Не разглядев вооруженных людей в пролетке, конники остановились не сразу. Запрягаев и Шарабанов, воспользовавшись этим, швырнули по гранате в приближающийся отряд. Возница круто заворотил. Лошади понеслись вниз и вынесли пролетку из балки. Сзади раздались взрывы, вихрем ударившие в уши. Еще сильней задребезжала пролетка. Выстрелов слышно не было. Проскакав минут пять, лошади сбавили бег. Позади было тихо и безлюдно.
— Ушли, — вздохнул свободно Шарабанов. — Теперь ночью попытаем.
— Твоя правда, лучше было ехать верхом, — повернулся Запрягаев к Реброву.
Весь день шумела канонада. Она нарастала и приближалась. Красная Армия поделила к Самаре, и орудийные удары звучали у самого города.
По Самаро-Златоустовской дороге по обеим колеям уходили из Самары эшелон за эшелоном. Они хорошо были видны и, будь у разинцев орудия, плохо пришлось бы учредиловцам.
— Подорвать, подорвать! Эх, промазали, — ругался озлобленно Запрягаев. — Не ушли бы они.
До поздней ночи гудели орудия. Вспышки выстрелов зарницами сверкали вдали. Только наутро прекратилась стрельба, и наступившая тишина была так неожиданна, что спавшие на полу в избе Запрягаев, Ребров и командир полка проснулись и вскочили на ноги.

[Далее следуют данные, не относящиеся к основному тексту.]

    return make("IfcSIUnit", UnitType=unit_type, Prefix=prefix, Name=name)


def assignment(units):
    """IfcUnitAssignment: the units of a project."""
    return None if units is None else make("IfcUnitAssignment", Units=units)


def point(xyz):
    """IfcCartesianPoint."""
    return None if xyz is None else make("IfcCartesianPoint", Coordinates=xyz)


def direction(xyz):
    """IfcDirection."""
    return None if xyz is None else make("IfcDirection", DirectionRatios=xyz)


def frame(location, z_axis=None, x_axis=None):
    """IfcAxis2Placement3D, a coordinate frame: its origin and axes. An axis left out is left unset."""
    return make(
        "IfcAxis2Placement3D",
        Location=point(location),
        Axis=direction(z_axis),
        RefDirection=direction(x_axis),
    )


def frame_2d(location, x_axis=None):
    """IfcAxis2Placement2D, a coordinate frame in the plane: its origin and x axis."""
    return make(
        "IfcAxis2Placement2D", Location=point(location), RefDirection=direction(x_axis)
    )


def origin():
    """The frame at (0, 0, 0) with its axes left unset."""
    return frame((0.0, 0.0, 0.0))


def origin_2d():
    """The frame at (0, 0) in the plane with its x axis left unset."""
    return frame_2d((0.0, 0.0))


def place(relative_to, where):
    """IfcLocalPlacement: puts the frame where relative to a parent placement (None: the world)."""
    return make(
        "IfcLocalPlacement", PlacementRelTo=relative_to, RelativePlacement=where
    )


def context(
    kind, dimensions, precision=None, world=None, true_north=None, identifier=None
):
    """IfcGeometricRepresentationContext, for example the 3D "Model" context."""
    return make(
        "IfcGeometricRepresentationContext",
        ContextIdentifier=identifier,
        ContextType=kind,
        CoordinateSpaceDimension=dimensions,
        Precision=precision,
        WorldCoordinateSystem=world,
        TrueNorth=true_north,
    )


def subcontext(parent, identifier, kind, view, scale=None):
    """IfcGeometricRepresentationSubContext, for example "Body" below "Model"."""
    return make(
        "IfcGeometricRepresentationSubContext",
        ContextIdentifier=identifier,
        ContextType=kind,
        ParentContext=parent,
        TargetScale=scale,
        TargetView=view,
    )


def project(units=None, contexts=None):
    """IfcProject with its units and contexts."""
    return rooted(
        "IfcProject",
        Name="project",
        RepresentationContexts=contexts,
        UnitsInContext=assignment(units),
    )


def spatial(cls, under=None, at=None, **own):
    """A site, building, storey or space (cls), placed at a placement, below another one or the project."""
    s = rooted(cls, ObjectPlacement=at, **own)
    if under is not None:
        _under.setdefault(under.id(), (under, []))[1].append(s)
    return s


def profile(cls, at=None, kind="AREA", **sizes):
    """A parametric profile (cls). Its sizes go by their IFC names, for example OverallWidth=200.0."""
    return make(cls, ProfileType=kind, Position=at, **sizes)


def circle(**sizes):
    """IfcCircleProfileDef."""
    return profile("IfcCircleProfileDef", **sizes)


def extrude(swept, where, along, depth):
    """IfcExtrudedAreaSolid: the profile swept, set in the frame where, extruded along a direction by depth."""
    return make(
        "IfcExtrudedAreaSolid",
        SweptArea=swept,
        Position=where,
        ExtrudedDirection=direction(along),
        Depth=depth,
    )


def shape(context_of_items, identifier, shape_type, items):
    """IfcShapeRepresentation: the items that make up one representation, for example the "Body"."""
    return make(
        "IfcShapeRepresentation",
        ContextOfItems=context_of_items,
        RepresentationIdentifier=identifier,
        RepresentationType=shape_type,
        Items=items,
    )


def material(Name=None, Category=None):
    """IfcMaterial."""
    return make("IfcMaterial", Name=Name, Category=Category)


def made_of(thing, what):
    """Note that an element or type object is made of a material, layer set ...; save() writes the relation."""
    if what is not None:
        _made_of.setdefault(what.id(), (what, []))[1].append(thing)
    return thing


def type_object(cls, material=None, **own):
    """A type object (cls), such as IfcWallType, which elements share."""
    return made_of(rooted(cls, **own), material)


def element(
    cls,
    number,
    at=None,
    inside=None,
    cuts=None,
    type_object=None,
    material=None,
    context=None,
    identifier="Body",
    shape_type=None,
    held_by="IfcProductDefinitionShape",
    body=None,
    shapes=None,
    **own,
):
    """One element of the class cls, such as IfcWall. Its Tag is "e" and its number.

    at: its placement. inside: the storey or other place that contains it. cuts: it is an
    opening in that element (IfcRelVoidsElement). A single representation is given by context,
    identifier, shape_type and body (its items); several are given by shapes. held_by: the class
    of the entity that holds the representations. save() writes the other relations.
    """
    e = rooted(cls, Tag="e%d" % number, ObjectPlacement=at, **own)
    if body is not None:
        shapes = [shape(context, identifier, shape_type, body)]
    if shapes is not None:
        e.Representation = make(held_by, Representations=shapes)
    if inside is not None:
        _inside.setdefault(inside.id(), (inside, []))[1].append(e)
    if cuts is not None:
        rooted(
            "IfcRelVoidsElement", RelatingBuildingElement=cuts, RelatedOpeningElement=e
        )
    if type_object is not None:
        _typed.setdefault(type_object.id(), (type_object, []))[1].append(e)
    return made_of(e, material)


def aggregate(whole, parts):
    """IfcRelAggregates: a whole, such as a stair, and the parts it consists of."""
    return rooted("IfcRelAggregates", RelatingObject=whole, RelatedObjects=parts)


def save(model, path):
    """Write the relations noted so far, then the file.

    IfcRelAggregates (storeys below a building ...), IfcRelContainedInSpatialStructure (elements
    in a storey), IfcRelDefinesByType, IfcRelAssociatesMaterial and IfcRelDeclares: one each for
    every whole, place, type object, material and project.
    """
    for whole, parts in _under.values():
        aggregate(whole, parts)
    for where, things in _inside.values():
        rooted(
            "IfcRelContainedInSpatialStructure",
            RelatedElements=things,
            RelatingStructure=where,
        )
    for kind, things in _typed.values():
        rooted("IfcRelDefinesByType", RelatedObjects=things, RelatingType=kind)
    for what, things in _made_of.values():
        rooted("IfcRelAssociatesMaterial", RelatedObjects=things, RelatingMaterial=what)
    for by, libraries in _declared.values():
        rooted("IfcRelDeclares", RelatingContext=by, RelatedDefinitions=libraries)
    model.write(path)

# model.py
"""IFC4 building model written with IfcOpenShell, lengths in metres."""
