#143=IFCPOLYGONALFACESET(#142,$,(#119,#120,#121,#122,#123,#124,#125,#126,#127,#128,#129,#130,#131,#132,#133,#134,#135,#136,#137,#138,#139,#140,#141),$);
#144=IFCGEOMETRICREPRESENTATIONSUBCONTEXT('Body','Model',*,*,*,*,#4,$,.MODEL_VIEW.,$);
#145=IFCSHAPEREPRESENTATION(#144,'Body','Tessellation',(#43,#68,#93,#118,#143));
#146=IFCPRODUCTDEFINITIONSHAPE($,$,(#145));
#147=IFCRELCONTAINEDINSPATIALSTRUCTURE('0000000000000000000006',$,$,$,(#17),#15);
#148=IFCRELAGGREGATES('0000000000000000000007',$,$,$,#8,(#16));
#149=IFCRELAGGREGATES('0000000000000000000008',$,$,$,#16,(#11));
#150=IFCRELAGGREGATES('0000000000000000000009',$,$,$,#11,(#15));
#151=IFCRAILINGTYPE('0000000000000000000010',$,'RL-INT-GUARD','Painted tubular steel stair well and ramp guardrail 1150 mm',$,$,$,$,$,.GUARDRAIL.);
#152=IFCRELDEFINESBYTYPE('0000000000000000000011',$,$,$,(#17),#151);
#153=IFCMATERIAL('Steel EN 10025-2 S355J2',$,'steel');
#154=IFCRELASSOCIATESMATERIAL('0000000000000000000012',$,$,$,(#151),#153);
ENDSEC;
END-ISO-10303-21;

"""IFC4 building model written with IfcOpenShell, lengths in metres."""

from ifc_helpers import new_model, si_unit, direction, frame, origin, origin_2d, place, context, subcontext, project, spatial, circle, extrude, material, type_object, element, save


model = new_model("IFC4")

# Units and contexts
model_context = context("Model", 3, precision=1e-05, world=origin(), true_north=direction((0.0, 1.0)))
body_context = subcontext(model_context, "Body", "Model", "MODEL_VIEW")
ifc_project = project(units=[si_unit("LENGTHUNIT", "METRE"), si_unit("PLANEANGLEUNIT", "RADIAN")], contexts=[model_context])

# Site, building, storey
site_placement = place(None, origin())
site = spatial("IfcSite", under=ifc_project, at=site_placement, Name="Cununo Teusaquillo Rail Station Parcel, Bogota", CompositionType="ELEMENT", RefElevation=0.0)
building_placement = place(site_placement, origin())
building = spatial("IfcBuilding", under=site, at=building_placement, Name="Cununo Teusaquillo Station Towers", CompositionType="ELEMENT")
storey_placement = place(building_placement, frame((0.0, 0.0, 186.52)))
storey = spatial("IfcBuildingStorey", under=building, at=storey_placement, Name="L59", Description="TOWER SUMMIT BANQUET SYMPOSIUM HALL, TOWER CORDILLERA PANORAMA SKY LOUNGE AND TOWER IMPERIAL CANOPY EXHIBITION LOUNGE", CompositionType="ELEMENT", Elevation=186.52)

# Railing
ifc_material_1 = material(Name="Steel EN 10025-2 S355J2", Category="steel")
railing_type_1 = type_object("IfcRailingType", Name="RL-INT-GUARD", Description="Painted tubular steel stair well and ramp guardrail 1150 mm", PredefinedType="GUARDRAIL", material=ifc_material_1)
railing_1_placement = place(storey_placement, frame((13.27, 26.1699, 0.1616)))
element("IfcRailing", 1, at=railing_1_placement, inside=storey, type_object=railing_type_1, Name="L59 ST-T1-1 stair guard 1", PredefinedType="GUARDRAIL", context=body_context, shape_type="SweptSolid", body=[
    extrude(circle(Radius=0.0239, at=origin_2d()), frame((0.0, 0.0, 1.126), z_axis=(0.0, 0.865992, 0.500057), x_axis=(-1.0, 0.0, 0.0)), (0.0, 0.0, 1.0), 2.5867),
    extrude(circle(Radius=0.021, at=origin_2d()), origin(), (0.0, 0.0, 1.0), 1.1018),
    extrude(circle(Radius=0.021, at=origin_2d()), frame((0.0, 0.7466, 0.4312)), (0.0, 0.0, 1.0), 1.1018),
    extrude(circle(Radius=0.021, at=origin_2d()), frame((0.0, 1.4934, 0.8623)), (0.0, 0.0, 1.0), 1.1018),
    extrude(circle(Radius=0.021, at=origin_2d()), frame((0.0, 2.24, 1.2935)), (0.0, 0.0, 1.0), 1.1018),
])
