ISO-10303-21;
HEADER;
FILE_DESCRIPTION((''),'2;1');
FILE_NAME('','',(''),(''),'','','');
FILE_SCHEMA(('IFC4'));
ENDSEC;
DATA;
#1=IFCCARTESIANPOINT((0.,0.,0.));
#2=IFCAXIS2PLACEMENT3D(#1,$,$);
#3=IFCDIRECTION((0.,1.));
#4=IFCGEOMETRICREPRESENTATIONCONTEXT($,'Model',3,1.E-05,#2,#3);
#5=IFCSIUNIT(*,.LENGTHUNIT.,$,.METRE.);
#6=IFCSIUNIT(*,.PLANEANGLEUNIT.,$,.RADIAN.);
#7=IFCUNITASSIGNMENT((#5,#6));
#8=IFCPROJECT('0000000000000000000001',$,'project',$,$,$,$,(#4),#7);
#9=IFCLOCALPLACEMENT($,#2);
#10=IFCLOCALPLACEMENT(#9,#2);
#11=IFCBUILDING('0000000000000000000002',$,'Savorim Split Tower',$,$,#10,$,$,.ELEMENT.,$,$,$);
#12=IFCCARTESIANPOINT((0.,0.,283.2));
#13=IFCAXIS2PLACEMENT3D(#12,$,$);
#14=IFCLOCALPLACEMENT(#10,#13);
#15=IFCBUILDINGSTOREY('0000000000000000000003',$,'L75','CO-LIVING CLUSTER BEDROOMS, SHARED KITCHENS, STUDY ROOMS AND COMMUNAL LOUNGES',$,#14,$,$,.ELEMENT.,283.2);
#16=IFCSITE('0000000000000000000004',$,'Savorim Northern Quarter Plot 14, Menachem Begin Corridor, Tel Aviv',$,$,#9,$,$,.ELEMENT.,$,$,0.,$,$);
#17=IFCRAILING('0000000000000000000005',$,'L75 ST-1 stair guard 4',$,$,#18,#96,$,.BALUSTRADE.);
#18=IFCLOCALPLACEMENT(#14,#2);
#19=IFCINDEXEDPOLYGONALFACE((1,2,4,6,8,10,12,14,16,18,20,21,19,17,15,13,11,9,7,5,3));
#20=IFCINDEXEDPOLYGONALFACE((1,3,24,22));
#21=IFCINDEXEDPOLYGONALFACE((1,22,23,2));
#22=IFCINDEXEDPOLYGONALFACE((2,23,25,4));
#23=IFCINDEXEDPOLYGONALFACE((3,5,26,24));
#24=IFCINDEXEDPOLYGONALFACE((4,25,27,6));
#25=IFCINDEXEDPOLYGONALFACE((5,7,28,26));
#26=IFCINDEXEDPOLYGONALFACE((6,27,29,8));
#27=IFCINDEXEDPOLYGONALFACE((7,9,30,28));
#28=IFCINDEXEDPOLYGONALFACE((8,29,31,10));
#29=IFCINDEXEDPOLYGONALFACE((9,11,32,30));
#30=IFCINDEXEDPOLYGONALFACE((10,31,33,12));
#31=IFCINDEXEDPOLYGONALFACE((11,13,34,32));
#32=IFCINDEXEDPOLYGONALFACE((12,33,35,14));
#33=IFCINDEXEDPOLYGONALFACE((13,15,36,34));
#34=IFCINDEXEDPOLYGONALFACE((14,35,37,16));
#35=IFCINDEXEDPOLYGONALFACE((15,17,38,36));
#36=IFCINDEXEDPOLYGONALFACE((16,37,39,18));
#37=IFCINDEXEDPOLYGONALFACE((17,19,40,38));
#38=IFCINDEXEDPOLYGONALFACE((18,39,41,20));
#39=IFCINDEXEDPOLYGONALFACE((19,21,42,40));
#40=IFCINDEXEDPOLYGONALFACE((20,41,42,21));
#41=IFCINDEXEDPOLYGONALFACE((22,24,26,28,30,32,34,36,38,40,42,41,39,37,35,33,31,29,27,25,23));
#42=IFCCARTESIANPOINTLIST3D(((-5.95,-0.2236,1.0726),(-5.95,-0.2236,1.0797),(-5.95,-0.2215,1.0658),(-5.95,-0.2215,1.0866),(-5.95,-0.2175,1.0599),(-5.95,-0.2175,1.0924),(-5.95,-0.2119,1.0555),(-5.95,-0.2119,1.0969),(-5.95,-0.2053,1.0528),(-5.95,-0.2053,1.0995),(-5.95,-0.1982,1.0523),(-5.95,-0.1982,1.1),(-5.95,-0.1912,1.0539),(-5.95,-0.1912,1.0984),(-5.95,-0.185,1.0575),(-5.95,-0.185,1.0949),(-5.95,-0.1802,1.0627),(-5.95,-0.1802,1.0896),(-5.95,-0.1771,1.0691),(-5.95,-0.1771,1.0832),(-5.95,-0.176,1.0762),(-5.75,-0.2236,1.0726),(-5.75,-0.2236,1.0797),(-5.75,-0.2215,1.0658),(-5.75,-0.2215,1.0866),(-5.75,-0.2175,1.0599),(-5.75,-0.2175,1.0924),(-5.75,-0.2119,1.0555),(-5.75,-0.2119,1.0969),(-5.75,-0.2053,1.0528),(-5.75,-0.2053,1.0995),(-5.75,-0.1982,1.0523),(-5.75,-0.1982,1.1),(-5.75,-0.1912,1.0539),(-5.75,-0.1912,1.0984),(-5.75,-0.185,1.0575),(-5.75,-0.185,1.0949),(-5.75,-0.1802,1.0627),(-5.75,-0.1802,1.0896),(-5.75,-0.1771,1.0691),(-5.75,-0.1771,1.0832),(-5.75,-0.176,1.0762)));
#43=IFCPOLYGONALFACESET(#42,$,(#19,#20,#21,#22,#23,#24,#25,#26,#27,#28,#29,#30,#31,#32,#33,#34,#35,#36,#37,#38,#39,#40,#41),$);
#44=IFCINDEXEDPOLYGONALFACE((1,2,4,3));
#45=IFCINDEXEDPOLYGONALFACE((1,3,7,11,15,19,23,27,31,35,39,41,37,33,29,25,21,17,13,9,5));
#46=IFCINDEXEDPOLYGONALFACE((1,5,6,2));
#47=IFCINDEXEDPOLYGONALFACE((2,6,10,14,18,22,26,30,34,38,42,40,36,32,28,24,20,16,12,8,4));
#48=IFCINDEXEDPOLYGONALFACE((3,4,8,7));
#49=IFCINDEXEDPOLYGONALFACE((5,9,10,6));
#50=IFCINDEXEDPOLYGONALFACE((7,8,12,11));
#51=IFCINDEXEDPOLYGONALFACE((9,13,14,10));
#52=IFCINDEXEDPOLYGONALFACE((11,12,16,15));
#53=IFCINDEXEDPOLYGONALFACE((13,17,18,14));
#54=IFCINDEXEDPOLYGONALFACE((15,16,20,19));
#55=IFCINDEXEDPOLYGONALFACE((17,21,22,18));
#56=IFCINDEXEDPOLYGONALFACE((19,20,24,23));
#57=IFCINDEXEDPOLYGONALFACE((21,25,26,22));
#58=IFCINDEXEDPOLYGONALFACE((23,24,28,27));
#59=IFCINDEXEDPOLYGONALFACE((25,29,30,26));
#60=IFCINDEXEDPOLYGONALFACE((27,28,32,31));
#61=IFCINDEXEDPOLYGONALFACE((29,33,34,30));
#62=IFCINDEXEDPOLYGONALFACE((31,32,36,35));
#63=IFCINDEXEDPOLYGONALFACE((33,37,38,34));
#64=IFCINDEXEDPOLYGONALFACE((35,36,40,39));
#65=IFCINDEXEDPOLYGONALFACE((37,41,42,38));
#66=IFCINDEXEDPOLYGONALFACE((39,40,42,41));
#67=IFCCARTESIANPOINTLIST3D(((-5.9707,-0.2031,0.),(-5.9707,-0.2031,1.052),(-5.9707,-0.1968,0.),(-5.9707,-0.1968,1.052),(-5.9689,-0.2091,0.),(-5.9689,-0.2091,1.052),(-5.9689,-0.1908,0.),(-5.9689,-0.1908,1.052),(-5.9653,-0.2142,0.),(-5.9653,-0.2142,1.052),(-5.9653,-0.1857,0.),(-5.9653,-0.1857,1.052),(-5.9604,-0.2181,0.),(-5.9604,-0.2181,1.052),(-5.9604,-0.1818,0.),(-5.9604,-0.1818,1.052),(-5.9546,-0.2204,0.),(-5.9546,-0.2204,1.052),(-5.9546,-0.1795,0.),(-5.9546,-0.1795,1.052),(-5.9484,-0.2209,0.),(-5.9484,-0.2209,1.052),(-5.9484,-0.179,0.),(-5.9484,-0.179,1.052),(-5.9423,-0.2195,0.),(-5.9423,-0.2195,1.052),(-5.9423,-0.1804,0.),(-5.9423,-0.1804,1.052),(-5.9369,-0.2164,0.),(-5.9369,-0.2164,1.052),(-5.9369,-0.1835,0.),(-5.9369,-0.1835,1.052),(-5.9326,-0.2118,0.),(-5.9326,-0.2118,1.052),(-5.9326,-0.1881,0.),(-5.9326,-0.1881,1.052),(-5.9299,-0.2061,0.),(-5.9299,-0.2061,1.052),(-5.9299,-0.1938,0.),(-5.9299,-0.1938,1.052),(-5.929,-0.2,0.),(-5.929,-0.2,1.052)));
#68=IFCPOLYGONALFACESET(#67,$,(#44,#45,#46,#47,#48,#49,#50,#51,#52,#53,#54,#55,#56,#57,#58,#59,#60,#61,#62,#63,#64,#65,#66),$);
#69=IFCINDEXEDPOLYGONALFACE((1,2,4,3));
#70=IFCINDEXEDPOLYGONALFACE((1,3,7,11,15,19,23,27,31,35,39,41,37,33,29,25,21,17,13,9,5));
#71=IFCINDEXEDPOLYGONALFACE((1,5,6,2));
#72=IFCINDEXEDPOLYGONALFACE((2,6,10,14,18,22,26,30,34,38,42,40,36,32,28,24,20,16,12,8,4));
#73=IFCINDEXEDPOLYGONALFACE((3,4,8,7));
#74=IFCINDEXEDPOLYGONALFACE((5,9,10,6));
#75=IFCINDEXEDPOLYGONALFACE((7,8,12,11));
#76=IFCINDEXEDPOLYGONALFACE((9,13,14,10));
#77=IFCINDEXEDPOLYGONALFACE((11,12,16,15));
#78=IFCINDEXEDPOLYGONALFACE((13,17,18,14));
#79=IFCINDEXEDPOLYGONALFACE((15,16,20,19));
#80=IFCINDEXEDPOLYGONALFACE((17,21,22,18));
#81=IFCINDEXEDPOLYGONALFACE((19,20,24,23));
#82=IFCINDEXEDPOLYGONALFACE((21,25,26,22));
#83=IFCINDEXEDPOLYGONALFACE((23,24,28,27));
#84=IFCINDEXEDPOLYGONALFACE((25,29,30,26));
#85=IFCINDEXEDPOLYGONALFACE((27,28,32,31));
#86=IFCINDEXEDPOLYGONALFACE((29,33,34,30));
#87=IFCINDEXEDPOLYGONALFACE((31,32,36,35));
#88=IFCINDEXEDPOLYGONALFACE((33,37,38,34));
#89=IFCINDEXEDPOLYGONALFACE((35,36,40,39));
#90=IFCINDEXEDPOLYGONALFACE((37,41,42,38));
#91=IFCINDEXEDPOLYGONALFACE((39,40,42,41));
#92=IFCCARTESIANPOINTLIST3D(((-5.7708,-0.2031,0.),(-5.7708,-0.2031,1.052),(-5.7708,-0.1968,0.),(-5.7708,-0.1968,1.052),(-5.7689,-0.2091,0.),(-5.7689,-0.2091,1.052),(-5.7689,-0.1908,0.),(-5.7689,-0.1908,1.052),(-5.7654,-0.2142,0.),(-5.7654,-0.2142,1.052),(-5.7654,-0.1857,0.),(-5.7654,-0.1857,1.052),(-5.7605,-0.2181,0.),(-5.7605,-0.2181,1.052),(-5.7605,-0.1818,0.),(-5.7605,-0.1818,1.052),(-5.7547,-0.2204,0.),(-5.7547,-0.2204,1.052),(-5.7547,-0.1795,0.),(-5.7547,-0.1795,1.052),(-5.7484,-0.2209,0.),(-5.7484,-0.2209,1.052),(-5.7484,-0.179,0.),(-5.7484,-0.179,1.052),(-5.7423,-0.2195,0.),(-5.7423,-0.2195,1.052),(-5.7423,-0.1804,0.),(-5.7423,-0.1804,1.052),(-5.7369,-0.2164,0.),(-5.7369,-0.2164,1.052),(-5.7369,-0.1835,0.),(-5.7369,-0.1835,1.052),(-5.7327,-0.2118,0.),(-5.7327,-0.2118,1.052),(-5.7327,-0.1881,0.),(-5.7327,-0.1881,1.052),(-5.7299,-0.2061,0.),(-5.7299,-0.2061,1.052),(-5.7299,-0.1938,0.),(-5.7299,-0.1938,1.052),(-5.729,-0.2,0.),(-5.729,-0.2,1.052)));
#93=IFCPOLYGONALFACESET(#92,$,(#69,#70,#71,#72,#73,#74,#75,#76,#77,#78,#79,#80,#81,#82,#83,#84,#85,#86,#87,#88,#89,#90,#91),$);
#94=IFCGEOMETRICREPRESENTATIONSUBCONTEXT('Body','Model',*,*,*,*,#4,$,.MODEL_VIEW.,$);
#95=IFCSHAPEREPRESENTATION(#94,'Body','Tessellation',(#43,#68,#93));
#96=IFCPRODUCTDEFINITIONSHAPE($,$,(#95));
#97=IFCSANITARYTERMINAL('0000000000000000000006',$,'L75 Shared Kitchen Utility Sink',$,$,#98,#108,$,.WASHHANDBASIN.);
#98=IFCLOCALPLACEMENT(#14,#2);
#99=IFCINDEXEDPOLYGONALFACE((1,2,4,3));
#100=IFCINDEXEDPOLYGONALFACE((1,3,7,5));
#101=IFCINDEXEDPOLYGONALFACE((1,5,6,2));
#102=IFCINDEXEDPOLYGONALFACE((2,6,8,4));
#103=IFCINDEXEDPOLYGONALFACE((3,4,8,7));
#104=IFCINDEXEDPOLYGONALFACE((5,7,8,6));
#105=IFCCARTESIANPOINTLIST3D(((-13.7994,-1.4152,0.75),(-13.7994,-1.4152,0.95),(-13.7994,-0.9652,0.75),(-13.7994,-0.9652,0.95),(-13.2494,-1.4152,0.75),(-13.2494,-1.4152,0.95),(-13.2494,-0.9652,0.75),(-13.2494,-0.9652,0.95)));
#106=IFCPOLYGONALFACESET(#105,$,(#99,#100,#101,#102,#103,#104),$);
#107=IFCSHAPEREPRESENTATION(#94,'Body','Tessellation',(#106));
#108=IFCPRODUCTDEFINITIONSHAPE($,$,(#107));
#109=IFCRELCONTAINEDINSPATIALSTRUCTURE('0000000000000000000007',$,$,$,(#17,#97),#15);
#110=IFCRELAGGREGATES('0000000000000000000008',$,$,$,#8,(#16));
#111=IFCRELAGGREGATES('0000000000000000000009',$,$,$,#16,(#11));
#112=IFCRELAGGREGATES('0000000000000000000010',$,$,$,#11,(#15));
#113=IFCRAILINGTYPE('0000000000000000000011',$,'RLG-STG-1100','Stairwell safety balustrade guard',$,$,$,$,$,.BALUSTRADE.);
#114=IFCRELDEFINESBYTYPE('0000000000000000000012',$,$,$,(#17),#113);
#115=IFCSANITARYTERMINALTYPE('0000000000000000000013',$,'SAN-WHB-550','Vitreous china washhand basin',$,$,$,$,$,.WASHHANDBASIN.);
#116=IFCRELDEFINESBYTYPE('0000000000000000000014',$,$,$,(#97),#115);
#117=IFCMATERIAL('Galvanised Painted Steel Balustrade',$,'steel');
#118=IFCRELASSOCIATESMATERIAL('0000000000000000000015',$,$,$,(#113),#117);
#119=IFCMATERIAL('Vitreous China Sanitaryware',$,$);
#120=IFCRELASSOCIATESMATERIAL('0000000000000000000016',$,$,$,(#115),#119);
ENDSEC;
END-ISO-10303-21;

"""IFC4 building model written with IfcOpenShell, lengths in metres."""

from ifc_helpers import new_model, si_unit, direction, frame, origin, origin_2d, place, context, subcontext, project, spatial, rectangle, circle, extrude, material, type_object, element, save


model = new_model("IFC4")

# Units and contexts
model_context = context("Model", 3, precision=1e-05, world=origin(), true_north=direction((0.0, 1.0)))
body_context = subcontext(model_context, "Body", "Model", "MODEL_VIEW")
ifc_project = project(units=[si_unit("LENGTHUNIT", "METRE"), si_unit("PLANEANGLEUNIT", "RADIAN")], contexts=[model_context])

# Site, building, storey
site_placement = place(None, origin())
site = spatial("IfcSite", under=ifc_project, at=site_placement, Name="Savorim Northern Quarter Plot 14, Menachem Begin Corridor, Tel Aviv", CompositionType="ELEMENT", RefElevation=0.0)
building_placement = place(site_placement, origin())
building = spatial("IfcBuilding", under=site, at=building_placement, Name="Savorim Split Tower", CompositionType="ELEMENT")
storey_placement = place(building_placement, frame((0.0, 0.0, 283.2)))
storey = spatial("IfcBuildingStorey", under=building, at=storey_placement, Name="L75", Description="CO-LIVING CLUSTER BEDROOMS, SHARED KITCHENS, STUDY ROOMS AND COMMUNAL LOUNGES", CompositionType="ELEMENT", Elevation=283.2)

# Railing
ifc_material_1 = material(Name="Galvanised Painted Steel Balustrade", Category="steel")
railing_type_1 = type_object("IfcRailingType", Name="RLG-STG-1100", Description="Stairwell safety balustrade guard", PredefinedType="BALUSTRADE", material=ifc_material_1)
railing_1_placement = place(storey_placement, frame((-5.95, -0.2, 0.0)))
element("IfcRailing", 1, at=railing_1_placement, inside=storey, type_object=railing_type_1, Name="L75 ST-1 stair guard 4", PredefinedType="BALUSTRADE", context=body_context, shape_type="SweptSolid", body=[
    extrude(circle(Radius=0.0239, at=origin_2d()), frame((0.0, 0.0, 1.0762), z_axis=(1.0, 0.0, 0.0), x_axis=(0.0, 1.0, 0.0)), (0.0, 0.0, 1.0), 0.2),
    extrude(circle(Radius=0.021, at=origin_2d()), origin(), (0.0, 0.0, 1.0), 1.052),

Вдруг совсем близко раздались частые удары пушечных выстрелов. Все схватили бинокли, выскочили на улицу и стали смотреть на насыпь. Там, позади уходящих эшелонов, медленно полз по рельсам на восток серый стальной бронепоезд, выплевывая из четырех башен трехдюймовые плевки. Флаги, очевидно георгиевские, развевались над ним.
— Последний, — сказал комиссар. — Самара свободна.
Он не ошибся. Броневик прикрывал последние отступающие части.
— Смотри, — показал Запрягаев Реброву на небольшую точку, парящую высоко в небе над степью.
Ребров посмотрел в бинокль: вслед за бронепоездом, опережая его, летел на восток аэроплан с пятиконечной звездой на крыле. С аэроплана сбрасывали вниз невидимые свертки, рассыпавшиеся в воздухе тысячами лепестков.
За полчаса перед выступлением в штабной избе пили чай.
В горницу вошел Шарабанов и, улыбнувшись, протянул Вале небольшой синий билетик. На билетике стояло:
Пролетарии всех стран, соединяйтесь!
БИЛЕТ
на право входа
в Советскую Рабоче-Крестьянскую Россию.
Действителен на одно лицо и на целую воинскую часть до дивизии включительно.
А на обороте:
Без золотопогонников-белоручек!
Правом беспрепятственного входа пользуются все солдаты белых армии, за исключением монархистов, помещиков, кулаков, фабрикантов, купцов, спекулянтов и вообще всех тех тунеядцев, которые из Советской России изгоняются и уже изгнанные, возвращению не подлежат.
Остающиеся свободными билеты просим передать другим частям.
Билет предъявлять в Политический отдел любой из советских армий.
Втыкай в землю штык!
Переходи в Красную Армию!
Эпилог
Взятие Самары Красной Армией было последним ударом по Самарскому правительству. Не прошло месяца, как адмирал Колчак совершил «государственный переворот» в Сибири: расстрелял и разогнал остатки эсеров.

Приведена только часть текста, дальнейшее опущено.